Kâfir [Allaha düşman] olmağa ve bid’at sâhibi olmağa niyyet etmek harâmdır. O anda, öyle olur. Çünki, bu iki niyyetin kendileri kötüdür. Kendileri harâmdır. Harâm işlemek düşüncesi ise, harâma sebeb olduğu için kötüdür. Düşüncenin kendisi kötü değildir, bunu işlemek, yapmak kötüdür. Kötülüğü işlemeyince, harâmlığın ve günâhın kalkması, Allahü teâlânın merhametindendir ve Muhammed aleyhisselâm hurmetine, bu rahmet-i ilâhiyye onun ümmetine mahsûsdur.
İnsan bir kimsede bulunan ni’metin ondan gitmesini istemeyip, kendisinde de bulunmasını isterse, hased olmaz. Buna (Gıbta) imrenmek denir. Gıbta güzel bir huydur. İslâmiyyetin ahkâmına, ya’nî farzları yapmağa ve harâmlardan sakınmağa ri’âyet eden, gözeten sâlih kimseye gıbta edilmesi vâcibdir. Dünyâ ni’metleri için gıbta etmek tenzîhen mekrûh olur.

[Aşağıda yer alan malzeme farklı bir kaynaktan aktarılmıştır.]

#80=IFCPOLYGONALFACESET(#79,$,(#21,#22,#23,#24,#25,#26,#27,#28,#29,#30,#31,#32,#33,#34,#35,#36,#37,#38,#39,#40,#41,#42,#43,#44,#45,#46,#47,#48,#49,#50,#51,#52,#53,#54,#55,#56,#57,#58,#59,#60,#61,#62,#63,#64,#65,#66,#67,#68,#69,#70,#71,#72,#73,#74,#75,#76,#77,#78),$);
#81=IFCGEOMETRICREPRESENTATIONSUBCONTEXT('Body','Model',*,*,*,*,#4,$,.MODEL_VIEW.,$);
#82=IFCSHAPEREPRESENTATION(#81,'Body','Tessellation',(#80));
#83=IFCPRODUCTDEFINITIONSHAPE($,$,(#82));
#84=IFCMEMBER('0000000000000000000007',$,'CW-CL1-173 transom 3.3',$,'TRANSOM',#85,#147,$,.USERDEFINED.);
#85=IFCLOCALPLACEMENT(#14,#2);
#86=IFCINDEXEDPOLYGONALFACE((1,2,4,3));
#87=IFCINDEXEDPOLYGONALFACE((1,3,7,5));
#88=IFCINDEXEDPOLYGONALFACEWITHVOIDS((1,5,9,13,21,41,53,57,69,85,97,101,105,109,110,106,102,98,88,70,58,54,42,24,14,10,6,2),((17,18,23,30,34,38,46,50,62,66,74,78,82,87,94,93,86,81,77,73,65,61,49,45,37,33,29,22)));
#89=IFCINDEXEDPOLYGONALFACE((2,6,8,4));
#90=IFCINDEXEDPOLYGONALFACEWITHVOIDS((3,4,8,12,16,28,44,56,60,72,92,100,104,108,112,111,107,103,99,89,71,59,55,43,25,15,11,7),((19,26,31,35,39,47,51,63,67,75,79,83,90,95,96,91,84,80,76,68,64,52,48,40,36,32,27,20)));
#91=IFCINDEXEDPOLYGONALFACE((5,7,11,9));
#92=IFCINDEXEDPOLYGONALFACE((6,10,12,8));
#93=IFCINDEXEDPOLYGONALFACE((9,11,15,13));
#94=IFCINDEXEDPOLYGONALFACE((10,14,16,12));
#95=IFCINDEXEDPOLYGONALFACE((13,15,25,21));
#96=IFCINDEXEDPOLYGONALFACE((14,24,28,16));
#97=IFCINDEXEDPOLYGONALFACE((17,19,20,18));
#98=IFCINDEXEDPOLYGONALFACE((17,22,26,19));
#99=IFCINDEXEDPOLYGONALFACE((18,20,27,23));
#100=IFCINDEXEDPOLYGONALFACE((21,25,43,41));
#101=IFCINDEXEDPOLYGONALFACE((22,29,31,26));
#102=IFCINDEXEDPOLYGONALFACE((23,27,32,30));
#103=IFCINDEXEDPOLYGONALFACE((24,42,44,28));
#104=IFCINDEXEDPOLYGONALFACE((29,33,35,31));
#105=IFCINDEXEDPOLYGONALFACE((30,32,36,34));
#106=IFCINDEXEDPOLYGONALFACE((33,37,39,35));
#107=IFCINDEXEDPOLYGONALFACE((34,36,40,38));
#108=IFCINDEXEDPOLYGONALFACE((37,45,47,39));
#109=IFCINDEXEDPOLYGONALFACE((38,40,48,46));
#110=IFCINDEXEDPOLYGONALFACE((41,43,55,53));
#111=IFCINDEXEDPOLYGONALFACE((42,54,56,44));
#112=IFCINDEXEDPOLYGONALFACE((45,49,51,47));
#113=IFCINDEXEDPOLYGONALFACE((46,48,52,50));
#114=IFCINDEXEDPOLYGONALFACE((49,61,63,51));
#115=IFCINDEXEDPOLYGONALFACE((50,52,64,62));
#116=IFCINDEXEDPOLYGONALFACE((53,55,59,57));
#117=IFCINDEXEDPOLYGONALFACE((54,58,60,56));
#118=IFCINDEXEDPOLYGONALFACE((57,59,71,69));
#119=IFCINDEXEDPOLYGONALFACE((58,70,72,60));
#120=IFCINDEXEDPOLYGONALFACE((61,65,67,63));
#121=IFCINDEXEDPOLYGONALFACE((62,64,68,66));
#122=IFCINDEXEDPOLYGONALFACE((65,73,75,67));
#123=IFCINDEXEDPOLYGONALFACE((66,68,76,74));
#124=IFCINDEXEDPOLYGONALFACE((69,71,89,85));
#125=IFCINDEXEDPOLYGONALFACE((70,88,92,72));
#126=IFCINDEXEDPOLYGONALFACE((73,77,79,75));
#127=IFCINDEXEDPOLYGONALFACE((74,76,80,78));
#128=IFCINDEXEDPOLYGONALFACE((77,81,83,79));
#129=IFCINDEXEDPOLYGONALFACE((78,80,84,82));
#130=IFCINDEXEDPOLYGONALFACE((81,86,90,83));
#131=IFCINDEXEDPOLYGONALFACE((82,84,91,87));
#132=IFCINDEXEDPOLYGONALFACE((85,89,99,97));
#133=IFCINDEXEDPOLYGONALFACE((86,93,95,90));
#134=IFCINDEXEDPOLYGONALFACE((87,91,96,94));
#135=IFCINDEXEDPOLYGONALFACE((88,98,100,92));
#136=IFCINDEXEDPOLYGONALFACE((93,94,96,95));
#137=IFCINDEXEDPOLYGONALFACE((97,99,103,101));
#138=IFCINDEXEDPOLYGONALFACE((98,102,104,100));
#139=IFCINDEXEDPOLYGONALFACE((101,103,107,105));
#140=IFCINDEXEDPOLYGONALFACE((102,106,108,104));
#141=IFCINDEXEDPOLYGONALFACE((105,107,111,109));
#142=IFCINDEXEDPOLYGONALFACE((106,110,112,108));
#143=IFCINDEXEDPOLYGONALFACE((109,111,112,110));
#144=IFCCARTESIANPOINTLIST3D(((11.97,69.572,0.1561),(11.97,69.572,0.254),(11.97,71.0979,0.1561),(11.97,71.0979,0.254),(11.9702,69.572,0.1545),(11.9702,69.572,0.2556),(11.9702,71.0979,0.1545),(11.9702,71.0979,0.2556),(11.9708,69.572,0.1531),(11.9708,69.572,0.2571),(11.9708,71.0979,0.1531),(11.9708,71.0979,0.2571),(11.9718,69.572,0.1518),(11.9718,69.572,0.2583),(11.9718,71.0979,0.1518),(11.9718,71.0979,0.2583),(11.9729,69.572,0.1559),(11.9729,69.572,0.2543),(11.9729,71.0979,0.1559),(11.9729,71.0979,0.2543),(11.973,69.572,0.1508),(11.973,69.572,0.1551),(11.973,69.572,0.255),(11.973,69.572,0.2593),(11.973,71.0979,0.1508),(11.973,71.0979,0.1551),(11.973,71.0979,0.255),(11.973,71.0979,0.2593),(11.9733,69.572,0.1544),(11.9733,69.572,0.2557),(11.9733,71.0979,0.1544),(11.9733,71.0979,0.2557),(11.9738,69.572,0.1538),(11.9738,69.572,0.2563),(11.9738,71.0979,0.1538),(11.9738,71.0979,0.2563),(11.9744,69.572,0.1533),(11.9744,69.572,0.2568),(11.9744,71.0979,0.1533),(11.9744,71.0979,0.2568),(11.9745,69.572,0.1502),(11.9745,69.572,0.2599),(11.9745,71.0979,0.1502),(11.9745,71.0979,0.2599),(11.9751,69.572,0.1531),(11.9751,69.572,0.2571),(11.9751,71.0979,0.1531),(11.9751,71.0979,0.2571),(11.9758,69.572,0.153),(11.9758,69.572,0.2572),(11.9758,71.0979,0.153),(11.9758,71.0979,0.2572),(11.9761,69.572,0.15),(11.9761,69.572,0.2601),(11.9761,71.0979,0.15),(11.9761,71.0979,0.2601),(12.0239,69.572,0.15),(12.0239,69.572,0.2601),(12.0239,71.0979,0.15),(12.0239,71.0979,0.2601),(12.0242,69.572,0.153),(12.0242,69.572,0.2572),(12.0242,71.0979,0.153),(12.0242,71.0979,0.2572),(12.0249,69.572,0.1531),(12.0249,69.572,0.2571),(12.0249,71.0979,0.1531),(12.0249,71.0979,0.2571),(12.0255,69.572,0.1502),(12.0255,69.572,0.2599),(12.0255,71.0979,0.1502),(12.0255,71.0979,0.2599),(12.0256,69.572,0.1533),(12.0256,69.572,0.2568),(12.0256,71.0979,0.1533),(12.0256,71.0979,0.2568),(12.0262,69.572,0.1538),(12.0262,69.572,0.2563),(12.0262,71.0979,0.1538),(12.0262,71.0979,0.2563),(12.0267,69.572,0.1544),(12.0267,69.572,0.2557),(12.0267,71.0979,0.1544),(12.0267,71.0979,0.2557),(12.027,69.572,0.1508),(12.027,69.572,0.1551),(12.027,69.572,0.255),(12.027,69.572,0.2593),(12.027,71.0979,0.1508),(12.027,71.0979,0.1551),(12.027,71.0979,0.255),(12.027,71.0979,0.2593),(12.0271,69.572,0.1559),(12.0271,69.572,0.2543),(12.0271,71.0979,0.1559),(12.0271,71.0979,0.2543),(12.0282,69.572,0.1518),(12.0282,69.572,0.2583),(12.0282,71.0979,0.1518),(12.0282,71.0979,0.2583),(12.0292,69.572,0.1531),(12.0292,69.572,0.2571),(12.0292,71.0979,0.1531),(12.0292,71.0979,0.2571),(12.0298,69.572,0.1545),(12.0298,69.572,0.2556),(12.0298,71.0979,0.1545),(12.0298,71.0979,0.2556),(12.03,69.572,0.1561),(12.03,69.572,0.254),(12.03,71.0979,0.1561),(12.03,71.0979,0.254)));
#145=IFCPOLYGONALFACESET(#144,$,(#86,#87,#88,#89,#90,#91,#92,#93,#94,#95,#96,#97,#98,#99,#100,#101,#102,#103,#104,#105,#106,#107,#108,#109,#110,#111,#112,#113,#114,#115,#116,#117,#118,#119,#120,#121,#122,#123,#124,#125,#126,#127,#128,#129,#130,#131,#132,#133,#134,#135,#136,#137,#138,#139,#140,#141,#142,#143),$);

Hadîs-i şerîfde, (Allahü teâlâ, mü’min kuluna gayret eder. Mü’min de mü’mine gayret eder) buyuruldu. Allahü teâlâ, gayretinden dolayı, fuhşu harâm etmişdir. Allahü teâlâ, (Ey Âdem oğulları! Sizi kendim için yaratdım. Herşeyi de sizin için yaratdım. Senin için yaratdıklarım, seni, kendim için yaratılmış olduğundan men’ ve gâfil ve meşgûl etmesin) buyurmuşdur. Başka bir hadîs-i kudsîde, (Seni kendim için yaratdım. Başka şeylerle oyalanma! Rızkına kefîlim, kendini üzme!) buyurmuşdur. Yûsüf aleyhisselâmın, (Sultânın yanında benim ismimi söyle!) demesi gayret-i ilâhiyyeye dokunarak, senelerce zindanda kalmasına sebeb oldu. İbrâhîm aleyhisselâmın, oğlu İsmâ’îlin dünyâya gelmesine sevinmesi, gayret-i ilâhiyyeye dokunarak, bunu kurbân etmesi emr olundu. Allahü teâlânın çok sevdiklerine, ba’zı Evliyâya böyle gayret etmesi çok vâkı’ olmuşdur. (Gayret), bir kimsede olan hakkına, onun başkasını ortak etmesini istememekdir. Allahü teâlânın gayret etmesi, kulunun kötü, çirkin şey yapmasına râzı olmamasıdır. Kulun vazîfesi, dilediğini yapmak değildir. Ona kulluk etmekdir. Onun emrlerine ve yasaklarına uymakdır. Her dilediğini yapmak, Allahü teâlâya mahsûsdur. Yalnız Onun hakkıdır. Kulun kendi dilediğini yapması, günâh işlemesi, Allahü teâlânın hakkına ortak olmak olur. Mü’minin, günâh işlemekde, kendisine gayret etmesi lâzımdır. Bu da, günâh işlerken heyecânlanması, kalbinin çarpıntısı, sıkılması ile olur. Mü’minin kalbi, Allahü teâlânın evidir ve güzel huyların yeridir. Kalbinde kötü, çirkin düşüncelere yer vermek, çirkinleri güzellere ortak etmek olur. Kalbin buna râzı olmaması, çırpınarak mâni’ olması, gayret olur. Ensârın reîsi olan Sa’d bin Ubâde “radıyallahü teâlâ anh”, Yâ Resûlallah “sallallahü teâlâ aleyhi ve sellem”!